I have a G wire receiver and was wondering where I can get the flat flex cable that plugs it into the QSI board. Anyone know a part number? I ordered some QSI units and decoders a while back and the dealer didn't ship that one thing, Been asking for it to be shipped for some time but no luck. It's too bad cuz I really like the dealer. It the connector that connects the G Wire receiver to the QSI board.


Thanks


----------



## Stan Cedarleaf (Jan 2, 2008)

Might give Mike Greenwood a call..... He's a QSI dealer....


----------



## paintjockey (Jan 3, 2008)

I think it's called a ribbon wire. It's supposed to come with the G wire card from QSI. Airwire uses the same exact thing when you have to split the board.
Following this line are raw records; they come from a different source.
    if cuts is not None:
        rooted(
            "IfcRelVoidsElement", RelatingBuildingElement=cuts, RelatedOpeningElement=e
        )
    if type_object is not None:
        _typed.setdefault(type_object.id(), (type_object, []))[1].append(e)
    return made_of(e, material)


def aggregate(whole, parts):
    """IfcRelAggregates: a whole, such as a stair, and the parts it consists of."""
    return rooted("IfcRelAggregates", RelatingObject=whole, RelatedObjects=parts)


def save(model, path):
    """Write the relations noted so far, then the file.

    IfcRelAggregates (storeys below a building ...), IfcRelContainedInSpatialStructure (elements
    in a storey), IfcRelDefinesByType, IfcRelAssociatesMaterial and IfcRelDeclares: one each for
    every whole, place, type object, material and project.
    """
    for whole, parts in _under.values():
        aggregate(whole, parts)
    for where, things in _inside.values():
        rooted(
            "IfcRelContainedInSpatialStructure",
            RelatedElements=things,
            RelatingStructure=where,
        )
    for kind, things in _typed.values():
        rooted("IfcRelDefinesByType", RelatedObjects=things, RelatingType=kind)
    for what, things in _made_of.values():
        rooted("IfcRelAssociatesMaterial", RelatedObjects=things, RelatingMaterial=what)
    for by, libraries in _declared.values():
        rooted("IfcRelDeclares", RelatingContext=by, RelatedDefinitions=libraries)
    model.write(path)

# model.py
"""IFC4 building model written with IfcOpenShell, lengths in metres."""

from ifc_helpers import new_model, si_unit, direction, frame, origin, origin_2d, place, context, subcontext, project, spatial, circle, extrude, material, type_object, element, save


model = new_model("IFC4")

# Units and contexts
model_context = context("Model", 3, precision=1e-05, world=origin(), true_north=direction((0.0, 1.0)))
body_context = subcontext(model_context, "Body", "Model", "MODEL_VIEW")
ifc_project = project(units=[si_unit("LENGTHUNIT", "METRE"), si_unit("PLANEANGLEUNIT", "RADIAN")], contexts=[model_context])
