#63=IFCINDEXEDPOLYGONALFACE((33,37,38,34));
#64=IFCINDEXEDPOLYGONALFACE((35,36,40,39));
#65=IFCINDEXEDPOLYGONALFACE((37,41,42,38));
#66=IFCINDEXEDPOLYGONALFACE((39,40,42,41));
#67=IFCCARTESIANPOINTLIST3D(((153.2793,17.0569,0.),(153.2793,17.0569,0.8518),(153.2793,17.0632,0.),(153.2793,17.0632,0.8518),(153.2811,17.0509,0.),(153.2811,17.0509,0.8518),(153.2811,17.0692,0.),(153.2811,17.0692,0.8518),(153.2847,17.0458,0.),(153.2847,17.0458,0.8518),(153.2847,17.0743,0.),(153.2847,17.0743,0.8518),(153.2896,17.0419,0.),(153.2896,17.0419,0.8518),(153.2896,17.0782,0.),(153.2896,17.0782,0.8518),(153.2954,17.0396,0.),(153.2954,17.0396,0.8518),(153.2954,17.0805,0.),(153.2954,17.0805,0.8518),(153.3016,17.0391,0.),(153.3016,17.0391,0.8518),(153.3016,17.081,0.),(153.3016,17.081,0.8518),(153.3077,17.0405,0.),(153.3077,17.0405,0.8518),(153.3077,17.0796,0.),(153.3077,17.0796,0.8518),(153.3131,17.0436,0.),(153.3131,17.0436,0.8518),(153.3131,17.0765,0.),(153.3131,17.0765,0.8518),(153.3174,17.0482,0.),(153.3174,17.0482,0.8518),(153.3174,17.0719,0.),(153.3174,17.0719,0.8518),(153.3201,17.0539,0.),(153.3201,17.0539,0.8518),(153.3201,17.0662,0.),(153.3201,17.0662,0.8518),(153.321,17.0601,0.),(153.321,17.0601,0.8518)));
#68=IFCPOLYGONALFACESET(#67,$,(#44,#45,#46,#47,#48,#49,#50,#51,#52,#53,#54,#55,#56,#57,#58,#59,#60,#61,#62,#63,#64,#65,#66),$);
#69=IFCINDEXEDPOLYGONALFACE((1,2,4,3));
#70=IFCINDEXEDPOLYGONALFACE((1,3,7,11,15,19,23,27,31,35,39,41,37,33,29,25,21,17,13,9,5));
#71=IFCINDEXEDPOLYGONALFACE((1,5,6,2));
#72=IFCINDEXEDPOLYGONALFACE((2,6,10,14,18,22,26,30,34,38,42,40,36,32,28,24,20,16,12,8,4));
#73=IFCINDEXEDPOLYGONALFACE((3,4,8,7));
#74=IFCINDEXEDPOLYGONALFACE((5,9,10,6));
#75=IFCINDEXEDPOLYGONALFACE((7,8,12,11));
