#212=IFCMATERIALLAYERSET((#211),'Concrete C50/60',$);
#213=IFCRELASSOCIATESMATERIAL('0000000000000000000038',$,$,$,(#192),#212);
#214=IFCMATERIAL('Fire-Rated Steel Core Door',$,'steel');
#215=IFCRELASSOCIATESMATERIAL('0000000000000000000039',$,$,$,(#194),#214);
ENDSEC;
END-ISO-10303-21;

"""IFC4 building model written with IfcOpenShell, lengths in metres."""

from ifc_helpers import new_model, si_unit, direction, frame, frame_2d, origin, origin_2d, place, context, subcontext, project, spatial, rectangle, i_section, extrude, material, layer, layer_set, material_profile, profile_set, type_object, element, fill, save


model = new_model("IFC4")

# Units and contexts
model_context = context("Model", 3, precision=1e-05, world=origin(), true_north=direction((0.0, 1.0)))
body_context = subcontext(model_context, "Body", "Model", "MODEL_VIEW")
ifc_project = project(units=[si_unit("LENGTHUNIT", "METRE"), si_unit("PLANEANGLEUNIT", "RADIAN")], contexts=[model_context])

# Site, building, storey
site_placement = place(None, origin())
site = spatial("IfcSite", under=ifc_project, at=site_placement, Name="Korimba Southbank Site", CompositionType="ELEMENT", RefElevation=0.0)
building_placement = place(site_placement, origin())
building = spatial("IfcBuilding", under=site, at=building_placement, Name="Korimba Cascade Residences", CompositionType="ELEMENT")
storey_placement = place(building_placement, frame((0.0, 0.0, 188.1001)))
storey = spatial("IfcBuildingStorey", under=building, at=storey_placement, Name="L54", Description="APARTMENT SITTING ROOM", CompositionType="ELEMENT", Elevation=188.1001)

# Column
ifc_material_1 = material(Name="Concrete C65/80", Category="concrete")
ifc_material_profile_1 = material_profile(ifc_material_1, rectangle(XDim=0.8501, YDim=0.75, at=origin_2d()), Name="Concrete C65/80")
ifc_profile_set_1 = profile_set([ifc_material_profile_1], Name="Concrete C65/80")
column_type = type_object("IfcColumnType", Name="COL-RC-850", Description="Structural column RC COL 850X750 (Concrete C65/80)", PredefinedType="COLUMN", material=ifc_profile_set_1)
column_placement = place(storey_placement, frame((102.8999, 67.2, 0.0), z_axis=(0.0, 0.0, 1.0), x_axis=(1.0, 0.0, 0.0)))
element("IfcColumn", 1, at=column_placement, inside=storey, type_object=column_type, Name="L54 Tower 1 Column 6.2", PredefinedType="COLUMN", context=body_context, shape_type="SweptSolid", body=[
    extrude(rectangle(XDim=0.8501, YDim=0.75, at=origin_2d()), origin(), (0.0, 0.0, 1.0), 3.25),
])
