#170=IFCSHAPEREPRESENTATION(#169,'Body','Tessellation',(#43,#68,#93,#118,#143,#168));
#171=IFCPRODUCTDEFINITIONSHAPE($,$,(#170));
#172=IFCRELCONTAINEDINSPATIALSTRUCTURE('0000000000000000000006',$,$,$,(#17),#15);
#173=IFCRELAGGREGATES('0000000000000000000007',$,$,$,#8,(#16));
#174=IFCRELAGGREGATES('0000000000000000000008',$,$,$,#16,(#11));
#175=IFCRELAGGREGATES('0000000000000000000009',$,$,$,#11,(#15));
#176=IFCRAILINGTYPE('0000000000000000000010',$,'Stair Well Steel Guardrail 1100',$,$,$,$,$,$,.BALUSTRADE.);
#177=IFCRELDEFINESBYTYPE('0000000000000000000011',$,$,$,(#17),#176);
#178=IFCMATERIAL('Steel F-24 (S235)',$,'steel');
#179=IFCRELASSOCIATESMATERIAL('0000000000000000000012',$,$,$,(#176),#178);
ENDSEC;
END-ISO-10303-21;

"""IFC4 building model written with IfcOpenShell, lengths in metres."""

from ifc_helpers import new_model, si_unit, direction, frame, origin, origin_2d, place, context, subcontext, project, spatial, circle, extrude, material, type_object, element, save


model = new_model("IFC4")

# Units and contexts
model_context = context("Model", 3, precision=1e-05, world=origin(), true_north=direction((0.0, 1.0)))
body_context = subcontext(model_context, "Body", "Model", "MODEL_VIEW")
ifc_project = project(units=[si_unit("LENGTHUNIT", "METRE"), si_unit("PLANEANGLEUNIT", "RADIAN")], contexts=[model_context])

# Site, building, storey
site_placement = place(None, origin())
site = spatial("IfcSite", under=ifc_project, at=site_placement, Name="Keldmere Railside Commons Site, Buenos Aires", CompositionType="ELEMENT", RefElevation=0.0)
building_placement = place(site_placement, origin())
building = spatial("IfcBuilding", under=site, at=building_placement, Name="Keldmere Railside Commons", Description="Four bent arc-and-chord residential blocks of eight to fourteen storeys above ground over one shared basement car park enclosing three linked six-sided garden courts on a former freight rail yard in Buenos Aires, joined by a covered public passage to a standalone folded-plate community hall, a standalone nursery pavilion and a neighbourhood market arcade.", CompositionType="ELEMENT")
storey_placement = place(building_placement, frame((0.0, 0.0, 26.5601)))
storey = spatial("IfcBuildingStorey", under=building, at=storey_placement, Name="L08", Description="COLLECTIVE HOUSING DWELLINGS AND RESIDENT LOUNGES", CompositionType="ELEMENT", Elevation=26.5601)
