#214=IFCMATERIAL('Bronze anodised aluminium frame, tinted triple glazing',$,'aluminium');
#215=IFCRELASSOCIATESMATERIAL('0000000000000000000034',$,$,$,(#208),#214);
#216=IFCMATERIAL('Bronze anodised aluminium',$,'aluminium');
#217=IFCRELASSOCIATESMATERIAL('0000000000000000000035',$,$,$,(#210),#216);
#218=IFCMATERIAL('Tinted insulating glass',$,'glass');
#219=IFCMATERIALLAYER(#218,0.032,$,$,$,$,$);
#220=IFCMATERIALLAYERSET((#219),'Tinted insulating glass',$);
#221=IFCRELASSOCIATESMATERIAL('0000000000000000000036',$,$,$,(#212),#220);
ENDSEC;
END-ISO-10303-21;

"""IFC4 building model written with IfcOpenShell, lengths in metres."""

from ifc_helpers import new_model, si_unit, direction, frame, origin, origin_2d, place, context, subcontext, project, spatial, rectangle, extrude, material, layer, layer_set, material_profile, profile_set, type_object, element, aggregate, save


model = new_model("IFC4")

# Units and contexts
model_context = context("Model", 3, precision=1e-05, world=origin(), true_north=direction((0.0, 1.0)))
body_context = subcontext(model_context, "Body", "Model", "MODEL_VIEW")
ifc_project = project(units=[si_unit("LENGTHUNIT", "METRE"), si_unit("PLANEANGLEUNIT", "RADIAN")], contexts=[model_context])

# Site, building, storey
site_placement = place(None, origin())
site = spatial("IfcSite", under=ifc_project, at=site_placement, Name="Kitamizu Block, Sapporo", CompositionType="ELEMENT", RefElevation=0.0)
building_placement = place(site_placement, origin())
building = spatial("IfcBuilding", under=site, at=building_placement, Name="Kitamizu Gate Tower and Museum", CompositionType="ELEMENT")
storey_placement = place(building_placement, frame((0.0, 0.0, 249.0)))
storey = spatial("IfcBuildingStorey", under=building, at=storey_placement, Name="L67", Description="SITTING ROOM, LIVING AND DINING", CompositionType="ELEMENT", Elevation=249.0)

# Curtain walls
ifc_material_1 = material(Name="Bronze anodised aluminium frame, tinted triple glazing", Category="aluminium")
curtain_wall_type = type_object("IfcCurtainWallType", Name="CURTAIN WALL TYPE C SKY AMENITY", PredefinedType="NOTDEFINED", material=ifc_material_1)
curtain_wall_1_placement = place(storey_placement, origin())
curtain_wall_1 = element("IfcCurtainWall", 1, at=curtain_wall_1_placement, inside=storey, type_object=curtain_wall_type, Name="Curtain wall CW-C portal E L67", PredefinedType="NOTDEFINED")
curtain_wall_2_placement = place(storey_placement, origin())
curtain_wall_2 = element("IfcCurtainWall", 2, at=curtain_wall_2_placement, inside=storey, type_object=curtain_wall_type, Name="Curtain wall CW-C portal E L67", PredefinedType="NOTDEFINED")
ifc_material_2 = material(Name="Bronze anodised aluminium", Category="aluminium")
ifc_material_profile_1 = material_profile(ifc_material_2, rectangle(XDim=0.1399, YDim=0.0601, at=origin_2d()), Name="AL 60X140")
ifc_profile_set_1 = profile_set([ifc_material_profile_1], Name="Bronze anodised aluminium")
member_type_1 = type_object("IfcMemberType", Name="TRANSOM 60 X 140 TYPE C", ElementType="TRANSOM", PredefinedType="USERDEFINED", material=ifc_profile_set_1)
Any dealer that sells Airwire would be able to order you one at a cost. They are kinda pricey for what they are though. Shame the dealer didn't send it like they should have. 

Terry


----------



## K27_463 (Jan 2, 2008)

I have QSI and airiwire stuff in stock, and I have the cable you need. It should have been in the package from the start. 

jonathan/EMW


----------



## Truthman (Dec 13, 2008)

Jonathan 

I sent you a private message requesting how I can reach you to order Thanks


----------



## Truthman (Dec 13, 2008)

got it Jonathan, I will be contacting you. I sent you an email via your website


----------